All of the stations are the same. What is the PQ?


----------



## harsh (Jun 15, 2003)

Patrick T said:


> How do I check the motion compensation settings?


You'll need to consult the manual for the TV. I don't happen to have one.


> All of the stations are the same.


Then it is likely the TV that is the problem.


> What is the PQ?


Program Quality. How accurate and artifact free the picture looks.


----------



## Jim5506 (Jun 7, 2004)

PQ = Picture Quality


----------



## Patrick T (May 8, 2008)

OK, the TV store let me bring home another TV to test it and it looks the same way. The picture is just not clear at times. Could this be caused by atmospheric changes since winter? It was a perfectly clear picture when I bought it in January. 
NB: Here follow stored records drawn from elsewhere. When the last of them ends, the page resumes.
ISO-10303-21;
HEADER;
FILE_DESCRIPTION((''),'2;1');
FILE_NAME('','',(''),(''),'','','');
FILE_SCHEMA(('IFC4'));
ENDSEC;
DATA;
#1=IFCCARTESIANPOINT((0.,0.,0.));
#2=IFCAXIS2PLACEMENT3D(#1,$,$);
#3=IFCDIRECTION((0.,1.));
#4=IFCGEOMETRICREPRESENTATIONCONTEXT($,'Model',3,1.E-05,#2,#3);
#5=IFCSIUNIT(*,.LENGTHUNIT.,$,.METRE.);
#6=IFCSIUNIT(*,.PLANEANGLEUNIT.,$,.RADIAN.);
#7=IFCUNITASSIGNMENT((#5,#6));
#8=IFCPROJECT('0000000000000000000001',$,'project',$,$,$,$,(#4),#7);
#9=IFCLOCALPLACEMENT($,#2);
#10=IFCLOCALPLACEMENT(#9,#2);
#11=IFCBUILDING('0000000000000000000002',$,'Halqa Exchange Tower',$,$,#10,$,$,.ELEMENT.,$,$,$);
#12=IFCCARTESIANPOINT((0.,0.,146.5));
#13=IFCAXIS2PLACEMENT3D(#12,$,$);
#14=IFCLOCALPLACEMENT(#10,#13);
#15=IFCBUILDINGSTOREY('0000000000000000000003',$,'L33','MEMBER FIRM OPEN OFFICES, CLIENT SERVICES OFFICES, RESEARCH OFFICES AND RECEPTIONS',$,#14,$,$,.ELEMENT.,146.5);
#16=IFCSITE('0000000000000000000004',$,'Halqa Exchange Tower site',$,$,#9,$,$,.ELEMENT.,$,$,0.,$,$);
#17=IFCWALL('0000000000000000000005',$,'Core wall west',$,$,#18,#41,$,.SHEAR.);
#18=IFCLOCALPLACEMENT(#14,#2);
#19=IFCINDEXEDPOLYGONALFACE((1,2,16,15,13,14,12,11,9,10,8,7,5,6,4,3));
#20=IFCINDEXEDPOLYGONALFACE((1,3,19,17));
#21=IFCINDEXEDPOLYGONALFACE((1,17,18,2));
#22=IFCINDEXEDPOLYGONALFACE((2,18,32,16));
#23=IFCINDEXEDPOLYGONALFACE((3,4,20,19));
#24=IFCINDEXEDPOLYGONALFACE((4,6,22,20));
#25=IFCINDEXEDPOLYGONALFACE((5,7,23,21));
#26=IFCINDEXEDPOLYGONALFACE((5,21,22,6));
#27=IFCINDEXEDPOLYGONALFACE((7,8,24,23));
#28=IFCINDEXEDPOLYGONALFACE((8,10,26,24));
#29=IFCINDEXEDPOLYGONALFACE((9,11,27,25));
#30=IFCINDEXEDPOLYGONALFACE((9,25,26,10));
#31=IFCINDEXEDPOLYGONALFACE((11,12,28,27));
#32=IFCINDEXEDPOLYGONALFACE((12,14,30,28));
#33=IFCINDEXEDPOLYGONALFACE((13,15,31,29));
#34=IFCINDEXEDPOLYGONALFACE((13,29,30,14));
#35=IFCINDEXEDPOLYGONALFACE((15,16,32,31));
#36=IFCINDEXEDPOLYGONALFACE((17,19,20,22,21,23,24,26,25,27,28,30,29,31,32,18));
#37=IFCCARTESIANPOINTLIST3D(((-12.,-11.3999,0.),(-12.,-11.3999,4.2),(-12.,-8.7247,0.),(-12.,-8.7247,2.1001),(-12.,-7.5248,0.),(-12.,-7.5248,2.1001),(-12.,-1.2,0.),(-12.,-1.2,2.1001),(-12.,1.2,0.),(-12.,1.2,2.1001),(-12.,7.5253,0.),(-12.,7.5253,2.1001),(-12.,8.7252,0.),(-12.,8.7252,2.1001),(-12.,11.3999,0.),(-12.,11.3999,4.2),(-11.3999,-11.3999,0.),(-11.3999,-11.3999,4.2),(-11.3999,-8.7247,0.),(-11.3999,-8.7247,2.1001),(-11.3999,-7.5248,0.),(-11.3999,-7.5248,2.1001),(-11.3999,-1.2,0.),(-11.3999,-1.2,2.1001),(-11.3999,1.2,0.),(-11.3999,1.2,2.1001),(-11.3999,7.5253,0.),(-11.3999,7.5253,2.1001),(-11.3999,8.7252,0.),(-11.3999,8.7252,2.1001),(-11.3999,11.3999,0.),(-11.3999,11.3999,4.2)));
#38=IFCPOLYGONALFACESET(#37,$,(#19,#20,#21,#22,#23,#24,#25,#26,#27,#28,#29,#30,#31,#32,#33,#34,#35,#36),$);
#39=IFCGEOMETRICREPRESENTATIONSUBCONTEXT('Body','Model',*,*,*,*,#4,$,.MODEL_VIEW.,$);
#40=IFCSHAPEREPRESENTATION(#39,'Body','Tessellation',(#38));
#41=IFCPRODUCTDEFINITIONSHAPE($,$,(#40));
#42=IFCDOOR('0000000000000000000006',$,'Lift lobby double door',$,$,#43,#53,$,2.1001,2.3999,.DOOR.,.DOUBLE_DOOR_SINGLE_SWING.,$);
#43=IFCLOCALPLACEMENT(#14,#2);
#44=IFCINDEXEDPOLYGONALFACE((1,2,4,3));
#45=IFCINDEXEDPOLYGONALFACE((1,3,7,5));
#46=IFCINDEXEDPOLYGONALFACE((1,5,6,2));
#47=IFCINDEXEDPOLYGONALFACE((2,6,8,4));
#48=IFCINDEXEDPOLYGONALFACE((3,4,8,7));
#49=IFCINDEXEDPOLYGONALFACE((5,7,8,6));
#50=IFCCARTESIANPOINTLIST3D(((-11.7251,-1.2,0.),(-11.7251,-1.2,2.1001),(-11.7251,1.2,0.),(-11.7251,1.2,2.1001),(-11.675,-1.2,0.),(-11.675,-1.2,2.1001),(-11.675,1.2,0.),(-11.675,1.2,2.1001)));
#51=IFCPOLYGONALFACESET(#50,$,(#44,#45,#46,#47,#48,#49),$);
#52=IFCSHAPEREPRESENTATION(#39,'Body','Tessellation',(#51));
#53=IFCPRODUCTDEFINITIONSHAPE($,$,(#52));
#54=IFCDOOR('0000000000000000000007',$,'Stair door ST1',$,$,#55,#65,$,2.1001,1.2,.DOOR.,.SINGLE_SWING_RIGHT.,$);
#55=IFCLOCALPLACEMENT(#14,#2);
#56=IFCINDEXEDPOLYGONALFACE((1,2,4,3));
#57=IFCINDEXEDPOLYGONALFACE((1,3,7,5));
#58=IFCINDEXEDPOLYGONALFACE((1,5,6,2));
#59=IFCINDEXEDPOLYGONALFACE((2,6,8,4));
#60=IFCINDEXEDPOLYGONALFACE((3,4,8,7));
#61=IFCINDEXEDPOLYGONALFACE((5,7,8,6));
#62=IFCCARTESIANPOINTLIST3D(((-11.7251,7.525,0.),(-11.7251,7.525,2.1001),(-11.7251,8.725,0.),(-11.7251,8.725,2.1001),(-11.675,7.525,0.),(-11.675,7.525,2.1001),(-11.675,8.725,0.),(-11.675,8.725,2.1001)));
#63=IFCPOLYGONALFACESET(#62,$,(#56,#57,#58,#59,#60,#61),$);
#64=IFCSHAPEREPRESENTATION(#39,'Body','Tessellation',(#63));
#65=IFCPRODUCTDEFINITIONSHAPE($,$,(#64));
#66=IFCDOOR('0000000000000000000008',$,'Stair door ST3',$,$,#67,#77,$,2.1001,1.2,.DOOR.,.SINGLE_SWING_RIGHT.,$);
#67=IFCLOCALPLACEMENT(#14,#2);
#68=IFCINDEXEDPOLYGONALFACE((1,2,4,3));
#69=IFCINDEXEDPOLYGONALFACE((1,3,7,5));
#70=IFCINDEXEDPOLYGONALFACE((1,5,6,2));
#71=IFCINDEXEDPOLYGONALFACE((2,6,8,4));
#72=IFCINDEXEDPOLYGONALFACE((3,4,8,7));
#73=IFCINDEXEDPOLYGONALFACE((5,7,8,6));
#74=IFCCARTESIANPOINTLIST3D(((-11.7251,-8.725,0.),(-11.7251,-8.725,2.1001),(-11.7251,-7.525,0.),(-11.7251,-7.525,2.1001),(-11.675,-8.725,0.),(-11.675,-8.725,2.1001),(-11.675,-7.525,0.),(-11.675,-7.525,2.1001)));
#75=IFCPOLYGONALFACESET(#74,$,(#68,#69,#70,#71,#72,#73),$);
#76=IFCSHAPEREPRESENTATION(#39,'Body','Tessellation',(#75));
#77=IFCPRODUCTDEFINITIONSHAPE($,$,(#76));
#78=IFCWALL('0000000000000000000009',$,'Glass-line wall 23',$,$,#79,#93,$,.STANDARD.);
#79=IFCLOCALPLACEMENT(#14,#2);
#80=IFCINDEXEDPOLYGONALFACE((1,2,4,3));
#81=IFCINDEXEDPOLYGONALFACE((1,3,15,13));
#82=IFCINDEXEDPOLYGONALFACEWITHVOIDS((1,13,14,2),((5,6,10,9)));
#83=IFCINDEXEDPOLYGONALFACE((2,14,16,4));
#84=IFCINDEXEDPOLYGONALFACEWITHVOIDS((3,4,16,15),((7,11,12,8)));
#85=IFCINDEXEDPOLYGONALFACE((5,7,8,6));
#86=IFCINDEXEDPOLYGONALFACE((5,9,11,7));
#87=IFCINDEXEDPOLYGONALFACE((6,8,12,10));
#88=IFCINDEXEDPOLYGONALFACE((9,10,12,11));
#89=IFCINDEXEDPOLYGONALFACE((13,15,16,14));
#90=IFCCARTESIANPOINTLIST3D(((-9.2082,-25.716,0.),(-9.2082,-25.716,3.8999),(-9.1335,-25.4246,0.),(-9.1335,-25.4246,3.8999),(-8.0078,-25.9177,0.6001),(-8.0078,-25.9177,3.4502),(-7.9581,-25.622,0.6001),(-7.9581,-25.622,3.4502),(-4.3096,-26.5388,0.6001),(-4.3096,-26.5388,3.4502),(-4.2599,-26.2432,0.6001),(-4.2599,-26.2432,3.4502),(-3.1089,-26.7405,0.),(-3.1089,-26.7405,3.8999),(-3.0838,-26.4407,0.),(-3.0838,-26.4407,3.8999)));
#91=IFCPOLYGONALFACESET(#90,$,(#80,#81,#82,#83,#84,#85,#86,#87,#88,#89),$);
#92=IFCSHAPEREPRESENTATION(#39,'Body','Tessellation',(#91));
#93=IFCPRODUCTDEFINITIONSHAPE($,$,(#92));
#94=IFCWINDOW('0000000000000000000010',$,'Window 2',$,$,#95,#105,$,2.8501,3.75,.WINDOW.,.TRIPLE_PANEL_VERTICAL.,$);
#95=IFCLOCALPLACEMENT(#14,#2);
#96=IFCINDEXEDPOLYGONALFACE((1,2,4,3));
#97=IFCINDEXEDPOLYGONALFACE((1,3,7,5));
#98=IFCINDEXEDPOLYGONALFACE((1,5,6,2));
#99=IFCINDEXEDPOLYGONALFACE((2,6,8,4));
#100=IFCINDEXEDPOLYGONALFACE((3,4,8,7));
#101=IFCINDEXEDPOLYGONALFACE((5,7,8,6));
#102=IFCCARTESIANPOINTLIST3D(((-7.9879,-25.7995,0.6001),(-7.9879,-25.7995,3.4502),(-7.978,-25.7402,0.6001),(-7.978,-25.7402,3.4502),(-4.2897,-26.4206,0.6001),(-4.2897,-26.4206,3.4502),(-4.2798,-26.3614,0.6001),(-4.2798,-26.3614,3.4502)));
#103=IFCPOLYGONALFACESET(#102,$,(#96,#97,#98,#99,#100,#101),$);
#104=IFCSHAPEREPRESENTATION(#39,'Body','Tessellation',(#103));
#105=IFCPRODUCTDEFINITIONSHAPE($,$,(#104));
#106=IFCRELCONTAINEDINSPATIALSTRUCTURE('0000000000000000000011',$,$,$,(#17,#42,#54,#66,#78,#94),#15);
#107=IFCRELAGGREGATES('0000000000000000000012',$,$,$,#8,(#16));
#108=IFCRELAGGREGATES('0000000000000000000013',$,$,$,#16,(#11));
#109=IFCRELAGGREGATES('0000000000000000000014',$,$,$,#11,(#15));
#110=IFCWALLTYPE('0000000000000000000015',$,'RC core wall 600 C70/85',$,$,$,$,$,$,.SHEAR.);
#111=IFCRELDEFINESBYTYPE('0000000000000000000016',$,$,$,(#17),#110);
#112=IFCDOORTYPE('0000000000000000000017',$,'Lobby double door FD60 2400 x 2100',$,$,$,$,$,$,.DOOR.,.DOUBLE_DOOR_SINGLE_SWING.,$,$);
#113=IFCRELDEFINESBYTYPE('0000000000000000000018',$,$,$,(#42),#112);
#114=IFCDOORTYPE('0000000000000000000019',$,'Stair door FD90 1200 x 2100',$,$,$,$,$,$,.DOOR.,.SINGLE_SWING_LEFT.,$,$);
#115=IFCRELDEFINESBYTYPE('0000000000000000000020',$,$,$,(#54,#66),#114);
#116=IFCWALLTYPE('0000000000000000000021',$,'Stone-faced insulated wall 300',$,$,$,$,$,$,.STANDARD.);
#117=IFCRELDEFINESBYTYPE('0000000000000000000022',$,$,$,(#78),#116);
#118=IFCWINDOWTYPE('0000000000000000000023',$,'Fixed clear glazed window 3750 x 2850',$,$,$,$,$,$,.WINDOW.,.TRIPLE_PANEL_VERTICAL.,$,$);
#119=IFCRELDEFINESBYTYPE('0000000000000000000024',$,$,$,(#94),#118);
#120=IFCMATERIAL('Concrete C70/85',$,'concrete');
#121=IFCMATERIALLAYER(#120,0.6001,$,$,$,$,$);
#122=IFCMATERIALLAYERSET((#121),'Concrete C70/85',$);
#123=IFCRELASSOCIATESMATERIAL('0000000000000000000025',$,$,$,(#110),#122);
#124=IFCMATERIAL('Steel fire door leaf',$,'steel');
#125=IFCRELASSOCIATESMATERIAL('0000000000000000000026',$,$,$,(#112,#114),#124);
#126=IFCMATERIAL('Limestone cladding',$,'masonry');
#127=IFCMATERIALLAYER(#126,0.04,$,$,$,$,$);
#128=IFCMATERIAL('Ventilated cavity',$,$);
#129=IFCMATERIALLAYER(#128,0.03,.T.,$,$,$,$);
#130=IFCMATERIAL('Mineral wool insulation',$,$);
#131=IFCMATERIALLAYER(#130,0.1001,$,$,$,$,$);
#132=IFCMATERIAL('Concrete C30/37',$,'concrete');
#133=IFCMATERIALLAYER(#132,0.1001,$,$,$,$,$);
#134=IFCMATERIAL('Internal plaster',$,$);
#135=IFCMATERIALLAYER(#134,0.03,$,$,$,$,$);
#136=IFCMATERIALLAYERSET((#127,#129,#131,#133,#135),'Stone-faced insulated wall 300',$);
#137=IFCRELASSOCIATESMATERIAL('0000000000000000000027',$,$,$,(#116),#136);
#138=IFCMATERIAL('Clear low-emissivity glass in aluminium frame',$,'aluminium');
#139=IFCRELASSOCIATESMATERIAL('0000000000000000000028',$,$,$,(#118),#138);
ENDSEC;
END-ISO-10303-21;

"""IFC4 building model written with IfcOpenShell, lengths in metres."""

from ifc_helpers import new_model, si_unit, direction, frame, frame_2d, origin, place, context, subcontext, project, spatial, polyline, rectangle, outline, extrude, material, layer, layer_set, type_object, element, fill, save


model = new_model("IFC4")

# Units and contexts
model_context = context("Model", 3, precision=1e-05, world=origin(), true_north=direction((0.0, 1.0)))
body_context = subcontext(model_context, "Body", "Model", "MODEL_VIEW")
ifc_project = project(units=[si_unit("LENGTHUNIT", "METRE"), si_unit("PLANEANGLEUNIT", "RADIAN")], contexts=[model_context])

# Site, building, storey
site_placement = place(None, origin())
site = spatial("IfcSite", under=ifc_project, at=site_placement, Name="Halqa Exchange Tower site", CompositionType="ELEMENT", RefElevation=0.0)
building_placement = place(site_placement, origin())
building = spatial("IfcBuilding", under=site, at=building_placement, Name="Halqa Exchange Tower", CompositionType="ELEMENT")
storey_placement = place(building_placement, frame((0.0, 0.0, 146.5)))
storey = spatial("IfcBuildingStorey", under=building, at=storey_placement, Name="L33", Description="MEMBER FIRM OPEN OFFICES, CLIENT SERVICES OFFICES, RESEARCH OFFICES AND RECEPTIONS", CompositionType="ELEMENT", Elevation=146.5)

# Shared definitions
ifc_material_1 = material(Name="Concrete C70/85", Category="concrete")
We still have the VHF antenna hooked up and just below the UHF antenna. Could this be causing some noise that would be causing a picture like this on the big TV? The DTV converter boxes hooked up to the old analog TVs are getting a nice, clear picture. 

The signal strength meter on the TV show 5 bars out of 5 bars, or around 94 on a scale of 100. I don't think an in line distribution amp would help, would it?

What about an attenuator? That has also been suggested, but I don't know what kind I'd need. Does anybody know anything about them and if that would work?


----------



## harsh (Jun 15, 2003)

Let me make one thing perfectly clear you cannot get a fuzzy picture on a digital TV station. If it is fuzzy, that's the way the station is sending it (possibly compressed beyond recognition). The artifacts of a "bad" signal on digital are usually pretty severe. Bad can be weak or multipath. Most automatic gain controls will bring a hot signal down.


----------



## PTown (Aug 18, 2007)

Patrick T said:


> I've adjusted other settings and have checked all of the cable connections. All of the other TVs are crystal clear. This one isn't blurry all the time, but it seems like the eyes and faces aren't clear at times and if there is movement, it's not clear. I've noticed that sometimes in the background, if someone is moving, the background is blurry.


In layman's terms put simply, keep in mind you are watching a LCD TV, that will account for most of the blurriness when there is movement.
I'm betting your old TV's with the converters are CRT's which will account for the greater level of clarity.


----------



## Patrick T (May 8, 2008)

harsh said:


> Let me make one thing perfectly clear you cannot get a fuzzy picture on a digital TV station. If it is fuzzy, that's the way the station is sending it (possibly compressed beyond recognition). The artifacts of a "bad" signal on digital are usually pretty severe. Bad can be weak or multipath. Most automatic gain controls will bring a hot signal down.


It is not fuzzy or snowy. It is unclear. The best way I can describe it is that it looks like a picture on a computer that has been enlarged too much. These are all digital stations. I am receiving them with a UHF antenna. It was my understanding that over the air is not compressed, so it should be a clear picture. I don't know how the local stations receive the network feed. Do the networks have to compress the programs when they send the programs to the local stations? If that is the case, then I suppose that could account for the picture problem, but I've also noticed it on the local news, which should not be compressed.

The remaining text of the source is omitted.